In its recent FAQ, ONC specifically stated that health care providers should not have “blanket delays that affect a broad array of routine results.” If a health care provider believes that the receipt of test results by the patient prior to the provider having the ability to counsel the patient would cause harm, the health care provider would need to utilize the preventing harm exception, which may only be utilized on an individualized basis in the context of a clinician-patient relationship. Standing orders to delay delivery of laboratory results to patients would likely violate the rule. Neither the information blocking rule nor the ONC have addressed whether a patient could agree in advance to wait for results until the provider has had a chance to review them and go over them with the patient.

Clinical notes
Under the information blocking rules, as well as HIPAA and state laws, health care providers must be aware that their clinical notes are part of the patient’s record. Some providers have mistakenly believed that they can write notes to themselves about a patient that are not for patient consumption and do not have to be provided to the patient upon request (think physical file jackets). While that has never been legally true, it is especially untrue after adoption of the information blocking rule. Patients have a well-established legal right to access their medical records (subject to certain exceptions, such as those governing psychotherapy notes).

In its recent FAQ, ONC specifically stated that the definition of EHI does not specifically include or exclude notes or other clinical observations based on specialty type. Currently, notes that constitute consultation notes, discharge summaries, histories and physicals, imaging reports, lab reports, pathology reports, procedure notes or progress notes are subject to the information blocking rule.1  Beginning on Oct. 6, 2022, subject to the information blocking rule exceptions, all notes will be subject to patient access.

Providers may believe that draft clinical notes may not be appropriate to provide to a patient or other health care providers until they are finalized. However, ONC specifically stated that if the data is used to make health care decisions about an individual, then that data would fall within the definition of the designated record set and, therefore, within the definition of EHI that may be accessed by the patient. Therefore, providers should be prepared to allow patients access to all clinical notes of the provider when a request for access is made (unless there is an exception that applies, such as psychotherapy notes or the health care provider has relied on one of the information blocking exceptions, such as the preventing harm exception). Even then, if the health care provider denies access to the patient to all or part of the medical record based on these exceptions, the health care provider must follow all procedural requirements under HIPAA, the information blocking rules and state law when denying access to all or part of the records.

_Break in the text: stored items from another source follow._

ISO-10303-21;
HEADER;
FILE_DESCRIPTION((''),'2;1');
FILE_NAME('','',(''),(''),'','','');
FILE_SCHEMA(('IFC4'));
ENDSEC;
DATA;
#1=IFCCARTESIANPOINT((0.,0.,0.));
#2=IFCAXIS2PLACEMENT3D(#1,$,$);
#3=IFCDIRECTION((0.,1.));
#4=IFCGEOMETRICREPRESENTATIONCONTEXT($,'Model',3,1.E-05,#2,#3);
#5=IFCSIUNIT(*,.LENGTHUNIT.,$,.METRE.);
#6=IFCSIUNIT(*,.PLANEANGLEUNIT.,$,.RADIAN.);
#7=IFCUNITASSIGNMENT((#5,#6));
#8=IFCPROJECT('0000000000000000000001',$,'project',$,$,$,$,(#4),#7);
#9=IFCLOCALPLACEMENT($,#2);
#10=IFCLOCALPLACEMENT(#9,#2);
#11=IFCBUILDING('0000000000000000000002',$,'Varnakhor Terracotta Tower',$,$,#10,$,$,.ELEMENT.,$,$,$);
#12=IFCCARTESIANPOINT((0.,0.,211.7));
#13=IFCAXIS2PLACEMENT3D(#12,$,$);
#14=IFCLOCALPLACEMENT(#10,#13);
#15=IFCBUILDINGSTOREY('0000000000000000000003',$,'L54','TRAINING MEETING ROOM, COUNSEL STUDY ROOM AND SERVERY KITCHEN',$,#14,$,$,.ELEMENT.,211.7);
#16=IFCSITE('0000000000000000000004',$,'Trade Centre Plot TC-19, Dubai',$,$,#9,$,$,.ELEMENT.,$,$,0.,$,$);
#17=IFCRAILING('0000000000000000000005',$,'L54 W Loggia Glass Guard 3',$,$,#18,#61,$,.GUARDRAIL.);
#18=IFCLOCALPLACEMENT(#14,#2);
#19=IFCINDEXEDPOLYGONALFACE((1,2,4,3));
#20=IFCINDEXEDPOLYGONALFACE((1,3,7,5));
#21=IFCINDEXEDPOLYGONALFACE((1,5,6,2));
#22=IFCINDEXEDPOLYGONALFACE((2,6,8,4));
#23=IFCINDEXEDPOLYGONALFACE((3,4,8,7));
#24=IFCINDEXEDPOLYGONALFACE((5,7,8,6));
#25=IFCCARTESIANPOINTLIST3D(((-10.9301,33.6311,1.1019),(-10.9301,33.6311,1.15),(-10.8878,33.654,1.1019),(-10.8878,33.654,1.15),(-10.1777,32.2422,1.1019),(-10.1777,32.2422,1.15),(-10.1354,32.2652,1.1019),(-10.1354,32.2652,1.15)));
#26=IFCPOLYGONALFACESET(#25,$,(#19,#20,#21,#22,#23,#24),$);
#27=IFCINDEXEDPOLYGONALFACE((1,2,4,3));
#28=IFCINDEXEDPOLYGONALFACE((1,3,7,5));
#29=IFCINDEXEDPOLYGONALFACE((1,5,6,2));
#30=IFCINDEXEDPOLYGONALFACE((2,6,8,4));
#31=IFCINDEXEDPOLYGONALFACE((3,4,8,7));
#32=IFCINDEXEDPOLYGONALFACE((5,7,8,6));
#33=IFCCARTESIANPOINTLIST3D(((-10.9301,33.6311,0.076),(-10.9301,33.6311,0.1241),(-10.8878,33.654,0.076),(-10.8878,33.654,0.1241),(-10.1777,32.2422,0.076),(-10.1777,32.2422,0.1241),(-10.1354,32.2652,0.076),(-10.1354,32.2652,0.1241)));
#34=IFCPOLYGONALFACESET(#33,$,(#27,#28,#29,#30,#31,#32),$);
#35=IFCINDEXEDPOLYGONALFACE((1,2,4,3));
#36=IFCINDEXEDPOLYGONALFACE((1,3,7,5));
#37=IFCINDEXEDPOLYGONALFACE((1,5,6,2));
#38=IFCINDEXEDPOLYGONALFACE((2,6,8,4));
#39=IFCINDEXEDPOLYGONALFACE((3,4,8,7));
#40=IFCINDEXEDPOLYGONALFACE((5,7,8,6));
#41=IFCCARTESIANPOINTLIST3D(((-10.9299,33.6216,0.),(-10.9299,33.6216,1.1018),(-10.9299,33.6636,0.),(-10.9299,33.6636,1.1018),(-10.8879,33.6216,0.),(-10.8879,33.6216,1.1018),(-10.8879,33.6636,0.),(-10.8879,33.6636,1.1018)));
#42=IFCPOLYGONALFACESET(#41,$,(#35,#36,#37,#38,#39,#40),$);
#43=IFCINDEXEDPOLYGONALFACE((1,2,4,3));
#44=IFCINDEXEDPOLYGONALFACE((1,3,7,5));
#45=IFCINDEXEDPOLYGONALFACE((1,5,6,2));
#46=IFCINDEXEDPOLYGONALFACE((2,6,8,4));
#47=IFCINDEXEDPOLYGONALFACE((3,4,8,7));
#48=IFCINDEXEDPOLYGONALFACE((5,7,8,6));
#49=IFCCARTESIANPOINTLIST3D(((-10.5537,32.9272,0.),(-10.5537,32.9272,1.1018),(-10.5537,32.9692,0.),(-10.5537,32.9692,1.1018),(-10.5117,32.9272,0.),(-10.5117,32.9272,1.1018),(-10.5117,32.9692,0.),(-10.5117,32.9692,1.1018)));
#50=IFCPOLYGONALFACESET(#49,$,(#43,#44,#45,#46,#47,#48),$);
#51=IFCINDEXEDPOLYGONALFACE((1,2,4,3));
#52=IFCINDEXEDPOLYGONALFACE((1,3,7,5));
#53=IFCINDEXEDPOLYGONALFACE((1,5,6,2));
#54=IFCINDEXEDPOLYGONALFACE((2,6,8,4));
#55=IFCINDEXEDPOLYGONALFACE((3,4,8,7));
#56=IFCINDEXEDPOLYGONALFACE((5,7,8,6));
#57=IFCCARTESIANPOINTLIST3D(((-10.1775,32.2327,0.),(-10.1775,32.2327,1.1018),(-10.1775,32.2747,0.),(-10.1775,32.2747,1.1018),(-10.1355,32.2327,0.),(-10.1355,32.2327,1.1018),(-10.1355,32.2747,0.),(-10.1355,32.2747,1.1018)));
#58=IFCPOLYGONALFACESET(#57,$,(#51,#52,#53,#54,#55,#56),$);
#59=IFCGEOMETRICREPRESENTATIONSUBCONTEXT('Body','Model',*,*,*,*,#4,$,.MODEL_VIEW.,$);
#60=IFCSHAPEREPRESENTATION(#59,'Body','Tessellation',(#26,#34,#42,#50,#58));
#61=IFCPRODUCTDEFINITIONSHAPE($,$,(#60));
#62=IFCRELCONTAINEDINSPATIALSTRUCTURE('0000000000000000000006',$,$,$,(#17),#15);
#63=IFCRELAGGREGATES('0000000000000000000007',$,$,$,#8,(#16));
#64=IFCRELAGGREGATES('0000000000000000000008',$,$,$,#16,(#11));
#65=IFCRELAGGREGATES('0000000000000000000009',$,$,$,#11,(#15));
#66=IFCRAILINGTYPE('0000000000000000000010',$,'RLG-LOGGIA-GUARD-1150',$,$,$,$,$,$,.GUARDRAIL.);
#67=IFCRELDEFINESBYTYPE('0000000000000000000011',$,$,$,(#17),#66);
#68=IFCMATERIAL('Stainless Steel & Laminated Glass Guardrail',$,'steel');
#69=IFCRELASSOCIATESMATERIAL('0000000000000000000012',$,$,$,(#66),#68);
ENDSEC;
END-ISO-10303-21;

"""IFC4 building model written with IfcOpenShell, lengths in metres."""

from ifc_helpers import new_model, si_unit, direction, frame, origin, origin_2d, place, context, subcontext, project, spatial, rectangle, extrude, material, type_object, element, save


model = new_model("IFC4")

# Units and contexts
model_context = context("Model", 3, precision=1e-05, world=origin(), true_north=direction((0.0, 1.0)))
body_context = subcontext(model_context, "Body", "Model", "MODEL_VIEW")
ifc_project = project(units=[si_unit("LENGTHUNIT", "METRE"), si_unit("PLANEANGLEUNIT", "RADIAN")], contexts=[model_context])

# Site, building, storey
site_placement = place(None, origin())
site = spatial("IfcSite", under=ifc_project, at=site_placement, Name="Trade Centre Plot TC-19, Dubai", CompositionType="ELEMENT", RefElevation=0.0)
building_placement = place(site_placement, origin())
building = spatial("IfcBuilding", under=site, at=building_placement, Name="Varnakhor Terracotta Tower", CompositionType="ELEMENT")
storey_placement = place(building_placement, frame((0.0, 0.0, 211.7)))
storey = spatial("IfcBuildingStorey", under=building, at=storey_placement, Name="L54", Description="TRAINING MEETING ROOM, COUNSEL STUDY ROOM AND SERVERY KITCHEN", CompositionType="ELEMENT", Elevation=211.7)

# Railing
ifc_material_1 = material(Name="Stainless Steel & Laminated Glass Guardrail", Category="steel")
railing_type = type_object("IfcRailingType", Name="RLG-LOGGIA-GUARD-1150", PredefinedType="GUARDRAIL", material=ifc_material_1)
railing_placement = place(storey_placement, frame((-10.9089, 33.6426, 0.0)))
element("IfcRailing", 1, at=railing_placement, inside=storey, type_object=railing_type, Name="L54 W Loggia Glass Guard 3", PredefinedType="GUARDRAIL", context=body_context, shape_type="SweptSolid", body=[
    extrude(rectangle(XDim=0.0481, YDim=0.0481, at=origin_2d()), frame((0.0, 0.0, 1.126), z_axis=(0.476338, -0.879262, 0.0), x_axis=(0.879262, 0.476338, 0.0)), (0.0, 0.0, 1.0), 1.5796),
    extrude(rectangle(XDim=0.0481, YDim=0.0481, at=origin_2d()), frame((0.0, 0.0, 0.1001), z_axis=(0.476338, -0.879262, 0.0), x_axis=(0.879262, 0.476338, 0.0)), (0.0, 0.0, 1.0), 1.5796),
    extrude(rectangle(XDim=0.042, YDim=0.042, at=origin_2d()), origin(), (0.0, 0.0, 1.0), 1.1018),
    extrude(rectangle(XDim=0.042, YDim=0.042, at=origin_2d()), frame((0.3762, -0.6943, 0.0)), (0.0, 0.0, 1.0), 1.1018),
    extrude(rectangle(XDim=0.042, YDim=0.042, at=origin_2d()), frame((0.7524, -1.3889, 0.0)), (0.0, 0.0, 1.0), 1.1018),
])

save(model, "model.ifc")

Recently, the U.S. Health and Human Services Office for Civil Rights (OCR) emphasized the need to follow the procedural requirements under HIPAA when denying access to psychotherapy notes or any other part of a patient record. OCR entered a settlement agreement with a psychiatric medical group that failed to provide a patient with a written explanation of why a request to access was denied. While the medical group was not required to provide the patient with psychotherapy notes in the record, it was required to provide all other records to the patient and it failed to do so – multiple times. As is its practice, OCR issued a press release naming the medical group and describing the facts of the case and the settlement reached.

Technically, for transitional purposes, the information blocking rule currently limits the requirement to provide the patient with electronic health information to information that is contained within the United States Core Data for Interoperability elements. Those elements are a pre-defined set of items or fields in electronic medical records that are frequently a subset of all elements in an electronic medical record. Beginning on Oct. 6, 2022, providers must provide all information in an electronic medical record to patients who request it, subject to the regulatory exceptions in the information blocking rule.